One of the main concerns in Marfan syndrome is that the main blood vessel in the body, the aorta, can become stretched, enlarged and may tear (aortic dissection) or burst (aortic rupture). This can be very dangerous. People with Marfan syndrome may also develop leaking heart valves that can be heard by a doctor as a heart murmur. Enlargement of the aorta can also cause the aortic valve to become leaky (aortic regurgitation). The function of the aortic valve is to prevent blood from flowing back into the heart once it has been pumped out. Leakage of blood back into the heart can cause breathlessness. Leaking of the mitral valve can also be caused by Marfan syndrome. Constant leaking of the mitral valve causes the main pumping chamber to work harder and may again cause breathlessness sometimes with palpitations.
Not everyone with Marfan syndrome has all of these problems.
Diagnosis is made after a careful physical examination, particularly focusing on the three main systems involved:
- Skeleton (including the jaw).
Certain tests such as an Echocardiogram (an ECG is insufficient); chest and skeletal X-rays; and a careful eye examination using a slit lamp, are useful in making the diagnosis.
A genetic test can provide a definite diagnosis in at least 90% of cases.

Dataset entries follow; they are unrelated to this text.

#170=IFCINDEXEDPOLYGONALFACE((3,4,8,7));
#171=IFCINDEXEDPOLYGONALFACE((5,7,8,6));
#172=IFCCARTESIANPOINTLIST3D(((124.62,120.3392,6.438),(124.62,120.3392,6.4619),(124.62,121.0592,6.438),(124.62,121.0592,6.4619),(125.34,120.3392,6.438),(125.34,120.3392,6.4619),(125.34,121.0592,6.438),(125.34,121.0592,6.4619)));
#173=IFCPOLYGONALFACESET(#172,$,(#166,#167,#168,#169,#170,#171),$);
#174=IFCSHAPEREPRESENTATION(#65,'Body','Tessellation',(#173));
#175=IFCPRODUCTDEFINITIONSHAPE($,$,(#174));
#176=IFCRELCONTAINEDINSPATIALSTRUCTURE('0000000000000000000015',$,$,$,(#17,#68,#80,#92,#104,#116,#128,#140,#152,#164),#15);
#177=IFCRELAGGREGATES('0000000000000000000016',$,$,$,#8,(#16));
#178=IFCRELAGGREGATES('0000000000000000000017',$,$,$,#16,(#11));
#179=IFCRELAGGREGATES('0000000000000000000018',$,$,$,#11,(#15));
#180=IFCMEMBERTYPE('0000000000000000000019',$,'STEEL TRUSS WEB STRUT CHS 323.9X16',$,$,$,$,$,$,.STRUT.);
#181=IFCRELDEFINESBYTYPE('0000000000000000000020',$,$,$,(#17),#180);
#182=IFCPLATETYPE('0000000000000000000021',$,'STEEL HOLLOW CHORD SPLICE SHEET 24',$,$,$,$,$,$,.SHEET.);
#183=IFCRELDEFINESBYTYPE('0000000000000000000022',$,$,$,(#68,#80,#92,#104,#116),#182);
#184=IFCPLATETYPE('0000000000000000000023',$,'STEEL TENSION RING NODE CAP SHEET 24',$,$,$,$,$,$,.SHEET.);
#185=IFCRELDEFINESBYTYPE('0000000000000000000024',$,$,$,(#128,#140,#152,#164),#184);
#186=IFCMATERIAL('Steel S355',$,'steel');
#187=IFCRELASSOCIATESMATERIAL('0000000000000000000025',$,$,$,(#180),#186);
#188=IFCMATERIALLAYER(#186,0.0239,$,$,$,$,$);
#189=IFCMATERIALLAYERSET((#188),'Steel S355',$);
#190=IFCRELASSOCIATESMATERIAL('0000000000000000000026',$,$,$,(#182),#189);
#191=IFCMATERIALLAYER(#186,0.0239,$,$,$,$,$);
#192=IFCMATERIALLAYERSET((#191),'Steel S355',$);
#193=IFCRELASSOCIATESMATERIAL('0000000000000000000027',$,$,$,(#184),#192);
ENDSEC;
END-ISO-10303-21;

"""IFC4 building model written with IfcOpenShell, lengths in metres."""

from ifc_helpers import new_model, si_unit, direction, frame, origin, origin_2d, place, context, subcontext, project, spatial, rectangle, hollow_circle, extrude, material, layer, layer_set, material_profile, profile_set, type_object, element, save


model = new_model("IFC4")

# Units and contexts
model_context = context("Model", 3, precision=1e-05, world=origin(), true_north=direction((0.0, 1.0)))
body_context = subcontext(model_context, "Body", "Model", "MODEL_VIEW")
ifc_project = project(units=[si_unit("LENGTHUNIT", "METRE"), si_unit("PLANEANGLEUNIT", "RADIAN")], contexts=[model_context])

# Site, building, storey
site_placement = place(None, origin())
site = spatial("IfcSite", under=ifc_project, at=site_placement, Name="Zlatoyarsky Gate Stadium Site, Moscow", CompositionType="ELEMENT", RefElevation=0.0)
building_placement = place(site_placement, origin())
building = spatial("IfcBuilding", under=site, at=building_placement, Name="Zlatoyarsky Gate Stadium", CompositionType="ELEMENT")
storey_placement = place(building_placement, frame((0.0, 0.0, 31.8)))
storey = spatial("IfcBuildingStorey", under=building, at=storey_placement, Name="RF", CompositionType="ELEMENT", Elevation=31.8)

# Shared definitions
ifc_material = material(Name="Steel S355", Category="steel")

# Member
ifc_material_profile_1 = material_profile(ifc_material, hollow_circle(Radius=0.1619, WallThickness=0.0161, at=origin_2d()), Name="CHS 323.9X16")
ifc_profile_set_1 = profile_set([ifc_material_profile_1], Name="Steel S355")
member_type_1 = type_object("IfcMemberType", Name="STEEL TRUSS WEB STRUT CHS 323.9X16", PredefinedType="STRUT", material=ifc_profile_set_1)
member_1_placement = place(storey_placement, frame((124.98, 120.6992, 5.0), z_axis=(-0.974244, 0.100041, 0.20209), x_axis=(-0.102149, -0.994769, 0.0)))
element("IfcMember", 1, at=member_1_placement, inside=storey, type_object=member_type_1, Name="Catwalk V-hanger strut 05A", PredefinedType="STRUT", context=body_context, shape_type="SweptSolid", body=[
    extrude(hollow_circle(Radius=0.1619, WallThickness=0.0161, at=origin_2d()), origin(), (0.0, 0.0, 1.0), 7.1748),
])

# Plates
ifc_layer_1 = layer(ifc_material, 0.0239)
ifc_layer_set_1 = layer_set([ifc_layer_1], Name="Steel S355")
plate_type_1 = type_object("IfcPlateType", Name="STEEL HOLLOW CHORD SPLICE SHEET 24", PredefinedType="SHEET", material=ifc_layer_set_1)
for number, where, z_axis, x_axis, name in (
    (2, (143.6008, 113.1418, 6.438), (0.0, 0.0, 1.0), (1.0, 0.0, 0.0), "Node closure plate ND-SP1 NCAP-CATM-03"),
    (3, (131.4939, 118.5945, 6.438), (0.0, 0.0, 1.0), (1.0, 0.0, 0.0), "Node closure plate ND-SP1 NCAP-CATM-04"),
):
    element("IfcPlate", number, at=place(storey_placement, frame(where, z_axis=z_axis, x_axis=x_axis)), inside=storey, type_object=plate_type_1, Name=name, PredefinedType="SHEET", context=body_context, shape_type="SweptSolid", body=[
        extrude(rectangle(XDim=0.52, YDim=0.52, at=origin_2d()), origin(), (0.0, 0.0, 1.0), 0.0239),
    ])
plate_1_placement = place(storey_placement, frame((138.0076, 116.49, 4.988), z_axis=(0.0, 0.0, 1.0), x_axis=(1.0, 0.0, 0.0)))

What treatment is available?
The complications of Marfan syndrome can be corrected. The importance of diagnosis is to allow careful observation so that the life-threatening risks of aortic dissection or rupture can be avoided. Enlargement of the aorta usually occurs very slowly, so an ECHO once a year will identify patients with this problem. Tablets called beta-blockers can slow the enlargement down. If dangerous enlargement occurs then plans can be made for an operation to replace that part of the aorta. Mitral and/or aortic valve can be replaced or repaired during an operation if needed.
Eye, mouth and skeleton problems are not life-threatening and each problem can be corrected if necessary.
There are only four rare complications requiring emergency care:
- Tear of the aorta – this may cause severe chest and/or back pain and even a collapse.
- Collapse of lung – this may occur during periods of exertion and presents with severe breathlessness. You may become blue and complain of chest pain.
- Glaucoma – the lens problem may produce a sudden increase of pressure in the eye and cause acute eye pain.
- Dislocations – loose ligaments do not provide adequate support for joints, and can cause a joint to become separated, known as dislocation.